US sanctions on Rusal of concern to Guyana and Jamaica

The governments of Guyana and Jamaica have expressed concern about the economic implications for local bauxite and alumina production of the US sanctions recently imposed on Rusal and its owner, Oleg Deripaska.

In Guyana Rusal owns 90% of the Berbice-based Aroaima Bauxite Company of Guyana Inc, producing and shipping 1.5m tonnes of calcined bauxite in 2017 to the Rusal owned Nikolaev refinery in the Ukraine. In Jamaica in 2017, Rusal’s operations produced 1.95m tonnes of bauxite and at its Ewarton refinery produced 0.6m tonnes of alumina. In addition, Rusal agreed in 2016 to sell its Alpart alumina refinery in Jamaica to China’s state-owned JISCO as a way of deepening its business relations with China.

The concern about Rusal’s ability to continue to operate follows a Trump Administration decision on 6 April that imposes a range of sanctions on a number of Russians with close connections to the Kremlin. The sanctions have far-reaching implications on Rusal’s global operations.

The sanctions cover seven individuals including Mr Derpiaska, 12 companies they own or control, and 17 senior Russian government officials. According to the US government, those sanctioned supported the Russian state in ‘malign activities’ around the world.

The Treasury Department warned that US entities would be ‘generally prohibited’ from dealings with the persons and firms on the sanctions list, while adding that companies outside the United States could face sanctions for ‘knowingly facilitating significant transactions for, or on behalf of’, the sanctioned entities.

The ambiguous wording of the decision has led companies around the world from metal exchanges to banks to declare force majeure; withdrawing from their contractual obligations and resigning directorships, with unpredictable consequences for payments to suppliers and the extension of de-risking decisions in future.

Guyana and Jamaica respond

In Guyana, the government has expressed uncertainty about the implications for the company’s operations, noting that it is a significant employer of labour and export earnings. The country’s Minister of Foreign Affairs, Carl Greenidge, was quoted by Stabroek News as saying that government was concerned about the long-term implications but did not have any definitive information. “We are still trying to pluck out of the air the essentials and then to get an informed analysis of what implications this has,” he said.

The Guyana Times reported that locally based members of Rusal’s management said that the company awaiting word from its Moscow office, but that it was too early to ascertain what impact the sanctions could have on the company’s operations in Guyana. According to the publication, stripping and stockpiling of bauxite continues, but the barges which take the product to the coast for shipping out of the country are not being loaded. The company is currently making significant investments to upgrade plant and equipment.
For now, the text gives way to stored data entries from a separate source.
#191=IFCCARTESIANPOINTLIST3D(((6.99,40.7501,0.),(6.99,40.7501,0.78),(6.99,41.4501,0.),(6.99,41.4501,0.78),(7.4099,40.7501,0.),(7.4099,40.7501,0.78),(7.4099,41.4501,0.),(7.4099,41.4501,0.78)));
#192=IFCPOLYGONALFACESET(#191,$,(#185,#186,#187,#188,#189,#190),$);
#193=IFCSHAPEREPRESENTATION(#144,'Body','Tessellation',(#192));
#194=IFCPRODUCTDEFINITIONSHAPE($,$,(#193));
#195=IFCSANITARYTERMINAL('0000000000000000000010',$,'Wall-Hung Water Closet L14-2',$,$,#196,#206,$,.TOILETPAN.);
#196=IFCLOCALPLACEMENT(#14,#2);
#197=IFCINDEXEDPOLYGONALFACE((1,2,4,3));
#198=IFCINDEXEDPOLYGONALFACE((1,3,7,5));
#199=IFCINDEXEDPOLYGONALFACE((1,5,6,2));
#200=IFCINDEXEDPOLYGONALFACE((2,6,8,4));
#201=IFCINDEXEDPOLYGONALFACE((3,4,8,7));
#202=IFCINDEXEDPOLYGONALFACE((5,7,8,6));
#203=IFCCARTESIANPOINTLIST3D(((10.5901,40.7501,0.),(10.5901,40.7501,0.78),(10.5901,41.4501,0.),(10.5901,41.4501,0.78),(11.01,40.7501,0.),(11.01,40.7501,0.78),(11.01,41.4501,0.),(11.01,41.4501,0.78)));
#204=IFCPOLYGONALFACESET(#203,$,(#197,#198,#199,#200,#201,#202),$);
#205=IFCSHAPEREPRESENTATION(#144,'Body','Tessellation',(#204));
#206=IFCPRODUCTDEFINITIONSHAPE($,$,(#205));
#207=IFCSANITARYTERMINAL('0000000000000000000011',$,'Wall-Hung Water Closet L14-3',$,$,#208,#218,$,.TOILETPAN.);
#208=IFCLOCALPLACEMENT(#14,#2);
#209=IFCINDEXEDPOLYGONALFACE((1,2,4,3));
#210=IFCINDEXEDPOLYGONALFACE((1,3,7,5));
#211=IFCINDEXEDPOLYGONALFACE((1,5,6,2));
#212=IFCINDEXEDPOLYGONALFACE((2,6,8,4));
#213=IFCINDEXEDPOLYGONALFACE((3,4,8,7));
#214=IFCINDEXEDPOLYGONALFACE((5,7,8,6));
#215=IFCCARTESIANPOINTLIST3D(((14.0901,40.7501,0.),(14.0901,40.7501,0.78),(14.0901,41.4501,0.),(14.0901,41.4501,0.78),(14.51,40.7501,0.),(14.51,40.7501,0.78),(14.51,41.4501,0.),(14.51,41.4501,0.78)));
In Jamaica the Minister of Transport and Mining, Robert Montague and officials are trying to ascertain the possible impact of the US decision on WINDALCO, which is 93% owned by UC Rusal. The company mines bauxite and has two alumina plants. Two years ago it sold its Alpart refinery in St Elizabeth to the Chinese company JISCO.

In Jamaica there is also concern that earlier US tariffs on imports on steel and aluminium imports into the US could have direct and indirect economic implications for Jamaica. Opposition figures have questioned whether the US$320m JISCO investment to expand the Alpart alumina plant to establish downstream manufacturing activities and a related economic zone could also be under threat.